El del koro es un caso de lengua recién descubierta que puede ser muy antigua, pero no siempre es así. A principios de la década de 2000, Carmel O’Shannessy, una maestra de escuela del norte de Australia, descubrió que sus alumnos hablaban una lengua distinta entre ellos a la de sus padres. La población nativa de la zona habla warlpiri (lengua aborigen australiana) además de inglés y la lengua criolla hija de ambas. O’Shannessy, que también domina el warlpiri y hoy es profesora en la Universidad Nacional Australiana de Canberra, tuvo entonces la idea de crear un libro de dibujos en el que un perro escapa de un monstruo y pidió a los niños que desarrollaran la historia.
Centenares de grabaciones y notas le llevaron a la conclusión de que los críos volcaban verbos del criollo sobre la estructura del warlpiri, y que los sustantivos se tomaban de las tres lenguas. Más llamativo aún es que se usaran reglas completamente nuevas, como la de añadir el sufijo -m al verbo para referirse a acciones pasadas y presentes, pero no a las futuras.
Una lengua recién descubierta ni siquiera tiene por qué ser oral.

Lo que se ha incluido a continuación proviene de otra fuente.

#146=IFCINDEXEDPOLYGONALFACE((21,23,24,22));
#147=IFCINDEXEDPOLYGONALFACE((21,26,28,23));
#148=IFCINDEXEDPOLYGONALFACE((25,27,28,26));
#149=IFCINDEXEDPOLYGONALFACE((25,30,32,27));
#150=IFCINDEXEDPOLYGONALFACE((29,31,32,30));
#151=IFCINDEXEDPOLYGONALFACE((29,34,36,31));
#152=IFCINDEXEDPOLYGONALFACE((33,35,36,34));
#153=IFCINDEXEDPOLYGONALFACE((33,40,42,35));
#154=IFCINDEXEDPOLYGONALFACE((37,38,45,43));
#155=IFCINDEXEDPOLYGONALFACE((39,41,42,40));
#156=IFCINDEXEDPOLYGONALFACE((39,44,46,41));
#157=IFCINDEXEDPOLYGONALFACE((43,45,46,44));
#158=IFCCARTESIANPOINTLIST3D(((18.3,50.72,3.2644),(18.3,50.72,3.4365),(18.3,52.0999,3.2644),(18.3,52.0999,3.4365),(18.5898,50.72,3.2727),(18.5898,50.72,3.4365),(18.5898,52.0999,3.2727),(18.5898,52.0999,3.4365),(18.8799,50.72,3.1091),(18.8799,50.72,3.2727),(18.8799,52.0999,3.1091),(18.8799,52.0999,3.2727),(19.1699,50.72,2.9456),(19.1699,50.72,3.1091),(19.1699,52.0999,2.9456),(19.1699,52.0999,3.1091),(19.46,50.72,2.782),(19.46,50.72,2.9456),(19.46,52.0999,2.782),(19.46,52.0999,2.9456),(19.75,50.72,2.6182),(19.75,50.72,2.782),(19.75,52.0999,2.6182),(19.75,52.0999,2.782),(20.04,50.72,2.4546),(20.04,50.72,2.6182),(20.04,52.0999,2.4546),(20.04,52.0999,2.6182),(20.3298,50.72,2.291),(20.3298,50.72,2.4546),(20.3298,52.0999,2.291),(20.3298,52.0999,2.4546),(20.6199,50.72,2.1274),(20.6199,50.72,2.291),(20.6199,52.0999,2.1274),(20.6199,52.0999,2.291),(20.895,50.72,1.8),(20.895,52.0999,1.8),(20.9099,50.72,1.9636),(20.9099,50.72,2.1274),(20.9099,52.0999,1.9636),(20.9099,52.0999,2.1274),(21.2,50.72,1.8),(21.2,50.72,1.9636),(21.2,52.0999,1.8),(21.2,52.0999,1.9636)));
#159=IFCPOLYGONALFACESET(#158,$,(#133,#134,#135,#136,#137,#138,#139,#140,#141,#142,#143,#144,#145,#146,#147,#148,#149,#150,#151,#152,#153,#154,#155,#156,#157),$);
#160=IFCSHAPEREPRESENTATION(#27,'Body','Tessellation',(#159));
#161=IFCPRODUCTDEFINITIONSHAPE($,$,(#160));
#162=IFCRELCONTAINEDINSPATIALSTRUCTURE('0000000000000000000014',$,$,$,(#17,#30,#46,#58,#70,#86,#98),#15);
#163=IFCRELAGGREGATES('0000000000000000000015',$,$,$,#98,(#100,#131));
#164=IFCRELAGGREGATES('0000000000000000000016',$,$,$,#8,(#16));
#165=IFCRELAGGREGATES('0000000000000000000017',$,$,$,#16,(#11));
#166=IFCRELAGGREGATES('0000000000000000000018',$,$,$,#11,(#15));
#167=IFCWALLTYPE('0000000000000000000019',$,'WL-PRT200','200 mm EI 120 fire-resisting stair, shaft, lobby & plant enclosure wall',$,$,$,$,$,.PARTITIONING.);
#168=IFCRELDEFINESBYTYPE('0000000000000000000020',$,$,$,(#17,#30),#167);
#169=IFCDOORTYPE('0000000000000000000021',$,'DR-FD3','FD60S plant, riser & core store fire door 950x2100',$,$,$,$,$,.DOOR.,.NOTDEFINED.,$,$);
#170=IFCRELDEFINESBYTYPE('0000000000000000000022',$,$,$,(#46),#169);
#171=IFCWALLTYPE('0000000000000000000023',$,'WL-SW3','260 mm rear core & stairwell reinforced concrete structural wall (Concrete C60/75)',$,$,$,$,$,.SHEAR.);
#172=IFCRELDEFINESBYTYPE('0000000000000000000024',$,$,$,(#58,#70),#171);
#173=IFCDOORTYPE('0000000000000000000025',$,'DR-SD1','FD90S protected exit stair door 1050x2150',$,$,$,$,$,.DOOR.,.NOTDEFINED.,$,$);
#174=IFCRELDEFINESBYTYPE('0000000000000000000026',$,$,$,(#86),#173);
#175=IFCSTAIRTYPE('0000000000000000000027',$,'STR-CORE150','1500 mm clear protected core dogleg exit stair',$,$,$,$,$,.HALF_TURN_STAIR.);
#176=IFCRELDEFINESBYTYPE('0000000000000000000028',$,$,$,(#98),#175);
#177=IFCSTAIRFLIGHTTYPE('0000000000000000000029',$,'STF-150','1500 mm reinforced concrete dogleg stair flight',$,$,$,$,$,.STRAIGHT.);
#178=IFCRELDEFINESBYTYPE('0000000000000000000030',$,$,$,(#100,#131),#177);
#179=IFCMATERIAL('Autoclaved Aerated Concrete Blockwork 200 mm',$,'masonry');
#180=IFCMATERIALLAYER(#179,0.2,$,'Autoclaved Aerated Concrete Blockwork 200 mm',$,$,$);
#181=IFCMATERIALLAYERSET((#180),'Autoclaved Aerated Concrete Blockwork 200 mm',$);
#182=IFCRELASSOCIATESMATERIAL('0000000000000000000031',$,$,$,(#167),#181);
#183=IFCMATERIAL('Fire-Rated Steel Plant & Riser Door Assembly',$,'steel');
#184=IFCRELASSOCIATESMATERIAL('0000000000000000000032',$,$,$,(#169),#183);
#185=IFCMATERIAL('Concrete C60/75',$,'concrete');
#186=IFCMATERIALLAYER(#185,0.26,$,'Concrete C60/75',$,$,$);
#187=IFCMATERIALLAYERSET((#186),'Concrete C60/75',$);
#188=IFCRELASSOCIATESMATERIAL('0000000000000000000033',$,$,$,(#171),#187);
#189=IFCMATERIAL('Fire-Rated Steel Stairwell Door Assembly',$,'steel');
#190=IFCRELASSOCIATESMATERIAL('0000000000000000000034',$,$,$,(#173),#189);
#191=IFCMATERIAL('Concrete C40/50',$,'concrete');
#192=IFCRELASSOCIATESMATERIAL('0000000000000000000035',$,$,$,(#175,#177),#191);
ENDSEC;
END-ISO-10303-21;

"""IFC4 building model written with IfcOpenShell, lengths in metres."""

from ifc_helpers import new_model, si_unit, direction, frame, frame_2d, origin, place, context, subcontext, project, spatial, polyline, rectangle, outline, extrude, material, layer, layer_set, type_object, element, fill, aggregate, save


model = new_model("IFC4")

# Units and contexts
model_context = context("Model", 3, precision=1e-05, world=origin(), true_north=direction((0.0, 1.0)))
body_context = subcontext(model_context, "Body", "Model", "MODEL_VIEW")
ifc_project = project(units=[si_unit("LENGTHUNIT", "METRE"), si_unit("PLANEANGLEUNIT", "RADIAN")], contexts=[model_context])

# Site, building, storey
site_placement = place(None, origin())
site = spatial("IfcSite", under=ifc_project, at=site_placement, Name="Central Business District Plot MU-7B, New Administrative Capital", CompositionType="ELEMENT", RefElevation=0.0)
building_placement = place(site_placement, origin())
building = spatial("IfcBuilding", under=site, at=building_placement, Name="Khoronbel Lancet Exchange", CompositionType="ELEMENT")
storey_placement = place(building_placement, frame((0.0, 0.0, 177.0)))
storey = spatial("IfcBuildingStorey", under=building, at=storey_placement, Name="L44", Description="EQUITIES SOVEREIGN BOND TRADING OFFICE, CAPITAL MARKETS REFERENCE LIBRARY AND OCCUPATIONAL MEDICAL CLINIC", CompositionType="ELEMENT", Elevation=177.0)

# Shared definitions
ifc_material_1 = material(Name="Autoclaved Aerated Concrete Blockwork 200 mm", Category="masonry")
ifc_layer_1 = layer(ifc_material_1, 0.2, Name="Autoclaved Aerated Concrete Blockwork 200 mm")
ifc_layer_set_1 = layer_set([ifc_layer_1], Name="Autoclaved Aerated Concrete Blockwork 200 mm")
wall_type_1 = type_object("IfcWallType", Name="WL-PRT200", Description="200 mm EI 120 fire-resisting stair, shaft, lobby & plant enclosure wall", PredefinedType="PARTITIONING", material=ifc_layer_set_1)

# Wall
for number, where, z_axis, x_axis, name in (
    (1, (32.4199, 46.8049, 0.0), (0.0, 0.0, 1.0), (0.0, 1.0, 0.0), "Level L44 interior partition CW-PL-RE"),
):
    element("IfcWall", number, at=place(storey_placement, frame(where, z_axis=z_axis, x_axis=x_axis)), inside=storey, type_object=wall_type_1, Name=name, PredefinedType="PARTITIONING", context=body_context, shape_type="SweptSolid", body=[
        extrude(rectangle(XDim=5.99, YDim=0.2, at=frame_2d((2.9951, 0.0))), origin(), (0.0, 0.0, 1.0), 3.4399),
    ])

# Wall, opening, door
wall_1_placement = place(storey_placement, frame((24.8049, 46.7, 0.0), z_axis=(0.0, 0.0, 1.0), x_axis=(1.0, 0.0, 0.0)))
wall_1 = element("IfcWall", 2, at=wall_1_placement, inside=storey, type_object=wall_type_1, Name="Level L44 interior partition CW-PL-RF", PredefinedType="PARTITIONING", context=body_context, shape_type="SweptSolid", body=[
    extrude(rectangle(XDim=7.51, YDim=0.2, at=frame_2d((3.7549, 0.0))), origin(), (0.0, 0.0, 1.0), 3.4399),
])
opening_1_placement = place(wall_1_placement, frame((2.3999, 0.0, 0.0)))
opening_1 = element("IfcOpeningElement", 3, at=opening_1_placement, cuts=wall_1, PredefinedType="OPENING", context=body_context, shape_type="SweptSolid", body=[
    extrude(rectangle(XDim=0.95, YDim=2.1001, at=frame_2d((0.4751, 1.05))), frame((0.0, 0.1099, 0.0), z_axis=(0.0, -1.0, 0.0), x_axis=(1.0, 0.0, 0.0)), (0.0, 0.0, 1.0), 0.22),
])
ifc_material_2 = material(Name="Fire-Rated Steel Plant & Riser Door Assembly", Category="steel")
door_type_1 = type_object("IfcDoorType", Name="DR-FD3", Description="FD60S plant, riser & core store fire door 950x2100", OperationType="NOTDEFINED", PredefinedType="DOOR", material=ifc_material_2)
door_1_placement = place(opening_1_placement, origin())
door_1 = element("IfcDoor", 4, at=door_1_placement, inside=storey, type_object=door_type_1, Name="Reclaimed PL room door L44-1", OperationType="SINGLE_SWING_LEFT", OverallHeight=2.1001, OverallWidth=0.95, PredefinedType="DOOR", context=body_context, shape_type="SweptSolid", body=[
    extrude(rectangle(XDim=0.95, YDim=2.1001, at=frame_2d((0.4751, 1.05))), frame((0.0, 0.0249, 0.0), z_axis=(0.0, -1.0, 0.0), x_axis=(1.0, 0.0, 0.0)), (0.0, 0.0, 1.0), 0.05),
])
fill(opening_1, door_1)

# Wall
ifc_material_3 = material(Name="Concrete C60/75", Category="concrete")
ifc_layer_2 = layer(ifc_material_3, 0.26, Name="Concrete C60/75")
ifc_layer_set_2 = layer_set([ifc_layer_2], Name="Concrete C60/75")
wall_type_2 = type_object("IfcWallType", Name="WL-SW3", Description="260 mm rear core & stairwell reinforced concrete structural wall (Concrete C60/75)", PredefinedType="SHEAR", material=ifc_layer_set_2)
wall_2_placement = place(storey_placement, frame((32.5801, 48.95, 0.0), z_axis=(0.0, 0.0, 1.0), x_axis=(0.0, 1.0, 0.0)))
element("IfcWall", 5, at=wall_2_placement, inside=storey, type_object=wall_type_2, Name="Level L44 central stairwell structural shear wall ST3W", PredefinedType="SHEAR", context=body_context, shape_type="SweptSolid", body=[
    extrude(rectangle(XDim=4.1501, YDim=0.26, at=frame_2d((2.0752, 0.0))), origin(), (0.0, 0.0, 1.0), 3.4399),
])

En 1955, William C. Stokoe enseña inglés a sordos en Washington cuando se da cuenta de que los estudiantes se comunican a través de signos con fluidez y rapidez, pero, al contrario de lo que se creía hasta entonces, no se trata de calcos gestuales de la lengua inglesa. Es así como Stokoe descubre que es posible separar el habla del lenguaje, o que los sordos tienen su propia lengua en Estados Unidos. Por supuesto, ocurre lo mismo en el resto del globo, porque sordos hay en todas partes, y desde siempre. No está mal recordar que las de signos también son la lengua materna de muchos individuos, que están sujetas a normas, se clasifican en familias y subfamilias y sufren sus propios procesos de evolución. Hasta desaparecen por idénticos motivos a como lo hacen las orales.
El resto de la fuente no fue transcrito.